Qual vale mais a pena?

Bem, primeiro temos de tornar os resultados mais comparáveis. No primeiro caso temos 28 068,98€ / 39 600€ = 0.71€ de ativo por cada euro de custo, enquanto no segundo temos 33 534,04€ / 50 162,27€ = 0.67€ de ativo por cada euro de custo. Utilizando estes valores, dá para perceber que, neste caso, cada euro é mais eficientemente gasto no caso de arrendar a casa.

Concluindo, a melhor opção neste cenário, financeiramente falando, é o arrendamento. Surpreendente, não?
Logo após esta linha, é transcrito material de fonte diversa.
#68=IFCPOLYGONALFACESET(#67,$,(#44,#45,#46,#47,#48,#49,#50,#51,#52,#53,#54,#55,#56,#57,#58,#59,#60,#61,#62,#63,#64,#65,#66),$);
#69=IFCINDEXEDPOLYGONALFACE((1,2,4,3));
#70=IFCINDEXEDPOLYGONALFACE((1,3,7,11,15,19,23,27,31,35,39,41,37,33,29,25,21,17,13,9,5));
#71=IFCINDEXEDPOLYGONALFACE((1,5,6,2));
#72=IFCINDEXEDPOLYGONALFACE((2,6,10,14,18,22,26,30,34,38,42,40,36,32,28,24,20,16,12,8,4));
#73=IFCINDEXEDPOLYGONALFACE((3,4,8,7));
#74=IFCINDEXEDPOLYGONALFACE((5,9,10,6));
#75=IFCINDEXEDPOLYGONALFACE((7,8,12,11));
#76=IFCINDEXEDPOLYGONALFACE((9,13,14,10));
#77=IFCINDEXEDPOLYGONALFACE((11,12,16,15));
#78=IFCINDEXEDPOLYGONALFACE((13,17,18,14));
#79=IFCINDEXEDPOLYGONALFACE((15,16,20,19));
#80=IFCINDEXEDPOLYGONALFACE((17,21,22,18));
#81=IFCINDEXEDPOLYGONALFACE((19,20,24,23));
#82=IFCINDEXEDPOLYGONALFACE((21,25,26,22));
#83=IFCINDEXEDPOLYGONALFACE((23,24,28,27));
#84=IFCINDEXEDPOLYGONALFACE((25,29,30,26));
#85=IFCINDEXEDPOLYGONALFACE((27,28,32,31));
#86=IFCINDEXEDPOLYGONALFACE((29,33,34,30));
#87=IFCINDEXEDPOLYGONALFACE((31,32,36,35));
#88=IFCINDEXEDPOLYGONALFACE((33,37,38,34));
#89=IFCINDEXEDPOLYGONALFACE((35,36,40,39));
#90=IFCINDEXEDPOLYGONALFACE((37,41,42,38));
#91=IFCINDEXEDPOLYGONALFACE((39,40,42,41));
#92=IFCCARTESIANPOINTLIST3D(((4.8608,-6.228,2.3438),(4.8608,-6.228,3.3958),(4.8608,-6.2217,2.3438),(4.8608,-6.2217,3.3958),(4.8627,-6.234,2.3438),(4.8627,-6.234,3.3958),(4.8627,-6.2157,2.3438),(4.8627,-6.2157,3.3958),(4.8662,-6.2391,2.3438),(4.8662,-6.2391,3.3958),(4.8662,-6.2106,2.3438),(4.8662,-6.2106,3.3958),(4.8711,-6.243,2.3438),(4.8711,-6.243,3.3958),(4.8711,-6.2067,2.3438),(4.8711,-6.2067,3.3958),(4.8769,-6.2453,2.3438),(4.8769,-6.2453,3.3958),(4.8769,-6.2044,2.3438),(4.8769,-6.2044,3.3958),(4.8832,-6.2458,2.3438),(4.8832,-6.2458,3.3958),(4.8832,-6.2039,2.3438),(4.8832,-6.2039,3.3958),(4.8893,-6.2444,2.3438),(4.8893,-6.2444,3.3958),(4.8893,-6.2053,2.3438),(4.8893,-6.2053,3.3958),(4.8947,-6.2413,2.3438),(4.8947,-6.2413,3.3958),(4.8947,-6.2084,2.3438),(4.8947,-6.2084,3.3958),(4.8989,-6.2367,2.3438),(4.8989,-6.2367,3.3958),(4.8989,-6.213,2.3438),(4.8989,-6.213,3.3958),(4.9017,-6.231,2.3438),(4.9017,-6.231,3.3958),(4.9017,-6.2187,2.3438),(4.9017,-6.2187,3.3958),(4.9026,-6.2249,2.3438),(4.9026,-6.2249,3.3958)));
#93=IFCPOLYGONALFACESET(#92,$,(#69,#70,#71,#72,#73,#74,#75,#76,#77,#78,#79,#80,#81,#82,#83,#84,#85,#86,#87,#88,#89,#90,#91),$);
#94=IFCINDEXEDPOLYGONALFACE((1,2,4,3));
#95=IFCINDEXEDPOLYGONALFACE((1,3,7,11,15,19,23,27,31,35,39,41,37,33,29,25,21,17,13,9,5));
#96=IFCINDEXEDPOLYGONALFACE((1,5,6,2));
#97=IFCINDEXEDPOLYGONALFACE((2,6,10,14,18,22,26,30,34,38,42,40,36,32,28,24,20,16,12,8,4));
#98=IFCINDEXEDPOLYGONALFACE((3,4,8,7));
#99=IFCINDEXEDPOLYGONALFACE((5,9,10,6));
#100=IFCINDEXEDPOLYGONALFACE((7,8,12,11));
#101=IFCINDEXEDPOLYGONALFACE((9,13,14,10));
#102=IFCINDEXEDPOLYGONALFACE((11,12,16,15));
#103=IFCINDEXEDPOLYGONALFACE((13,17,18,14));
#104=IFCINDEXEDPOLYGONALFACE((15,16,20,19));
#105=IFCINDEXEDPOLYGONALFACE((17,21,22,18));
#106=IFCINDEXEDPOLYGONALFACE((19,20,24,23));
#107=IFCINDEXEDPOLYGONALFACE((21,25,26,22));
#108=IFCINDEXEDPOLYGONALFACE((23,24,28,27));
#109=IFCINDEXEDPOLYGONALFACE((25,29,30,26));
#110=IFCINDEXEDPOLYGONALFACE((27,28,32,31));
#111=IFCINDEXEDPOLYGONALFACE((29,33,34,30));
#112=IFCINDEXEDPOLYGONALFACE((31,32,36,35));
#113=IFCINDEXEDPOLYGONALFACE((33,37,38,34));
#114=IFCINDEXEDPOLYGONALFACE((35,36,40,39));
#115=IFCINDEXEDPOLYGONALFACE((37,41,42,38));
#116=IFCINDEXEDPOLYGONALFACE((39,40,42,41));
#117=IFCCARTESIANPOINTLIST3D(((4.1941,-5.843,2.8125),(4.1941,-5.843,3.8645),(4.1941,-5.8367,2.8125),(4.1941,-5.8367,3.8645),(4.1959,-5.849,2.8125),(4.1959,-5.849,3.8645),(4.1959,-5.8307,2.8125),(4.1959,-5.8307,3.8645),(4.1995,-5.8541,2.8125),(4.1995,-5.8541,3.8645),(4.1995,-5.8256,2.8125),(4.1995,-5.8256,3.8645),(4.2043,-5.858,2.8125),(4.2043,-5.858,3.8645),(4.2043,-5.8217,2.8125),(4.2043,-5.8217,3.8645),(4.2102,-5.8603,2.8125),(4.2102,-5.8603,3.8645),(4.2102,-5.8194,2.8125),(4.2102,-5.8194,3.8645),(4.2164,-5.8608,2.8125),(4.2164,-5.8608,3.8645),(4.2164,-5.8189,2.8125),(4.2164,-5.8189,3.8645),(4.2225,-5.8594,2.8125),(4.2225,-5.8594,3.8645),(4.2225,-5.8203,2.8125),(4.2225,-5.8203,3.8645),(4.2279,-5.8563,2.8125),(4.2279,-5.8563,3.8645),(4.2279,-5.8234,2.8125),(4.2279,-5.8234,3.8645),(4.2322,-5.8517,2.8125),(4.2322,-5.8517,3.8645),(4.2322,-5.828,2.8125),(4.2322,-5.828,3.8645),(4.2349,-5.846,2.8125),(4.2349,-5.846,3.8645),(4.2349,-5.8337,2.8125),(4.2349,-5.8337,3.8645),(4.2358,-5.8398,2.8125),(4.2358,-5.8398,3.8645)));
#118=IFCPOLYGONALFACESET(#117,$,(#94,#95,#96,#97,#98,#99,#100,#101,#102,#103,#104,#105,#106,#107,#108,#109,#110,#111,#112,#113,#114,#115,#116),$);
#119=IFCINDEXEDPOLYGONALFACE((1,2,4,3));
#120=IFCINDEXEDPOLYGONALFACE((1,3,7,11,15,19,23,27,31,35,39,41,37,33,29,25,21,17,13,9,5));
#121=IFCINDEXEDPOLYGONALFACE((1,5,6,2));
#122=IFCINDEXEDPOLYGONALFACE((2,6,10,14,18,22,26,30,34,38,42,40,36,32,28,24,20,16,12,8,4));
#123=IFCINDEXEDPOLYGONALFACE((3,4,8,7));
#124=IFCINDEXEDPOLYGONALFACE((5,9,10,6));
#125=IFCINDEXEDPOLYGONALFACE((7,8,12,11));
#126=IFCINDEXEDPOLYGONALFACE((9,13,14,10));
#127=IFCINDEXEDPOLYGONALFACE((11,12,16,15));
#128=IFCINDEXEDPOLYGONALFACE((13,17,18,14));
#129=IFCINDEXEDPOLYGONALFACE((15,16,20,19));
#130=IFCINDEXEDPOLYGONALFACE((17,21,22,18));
Para mim também o é. Esperava que, ao finalizar a escrita deste artigo, a alternativa de compra de casa fosse a mais recompensadora. Teorizo que terá algo a ver com a psicologia do investidor que tem dificuldade em perceber que há muitos custos associados com a transação e posse imóveis, acabando por ser significantes no resultado final e tender a balança para o lado do arrendamento.


Espero que este artigo te tenha sido útil para perceber há vezes em que arrendar vale a pena, principalmente pelo custo de oportunidade de comprar uma casa. É estranho que seja possível uma pessoa arrendar a casa uma vida inteira e ainda ficar melhor financeiramente, mas pode acontecer. Tudo depende do mercado.

Obrigado e até à próxima!

Nota: é óbvio que foram feitas muitas assunções e suposições, portanto na prática os valores poderão ser muito diferentes. Além disso, as previsões de como se irá comportar o mercado de ações e imobiliário são sempre pouco fiáveis. Posto isto, o melhor que se pode fazer é ajustar os valores a cada caso, mas haverá sempre uma grande incerteza inerente à previsão do futuro.

Editado a 11 de fevereiro de 2021: correção dos valores da soma de seguros, manutenção e IMI de 16 491,54€ para 13 611,54€. O valor anterior tinha sido erradamente calculado devido ao IMI ao final dos 6 anos ter sido somado duas vezes.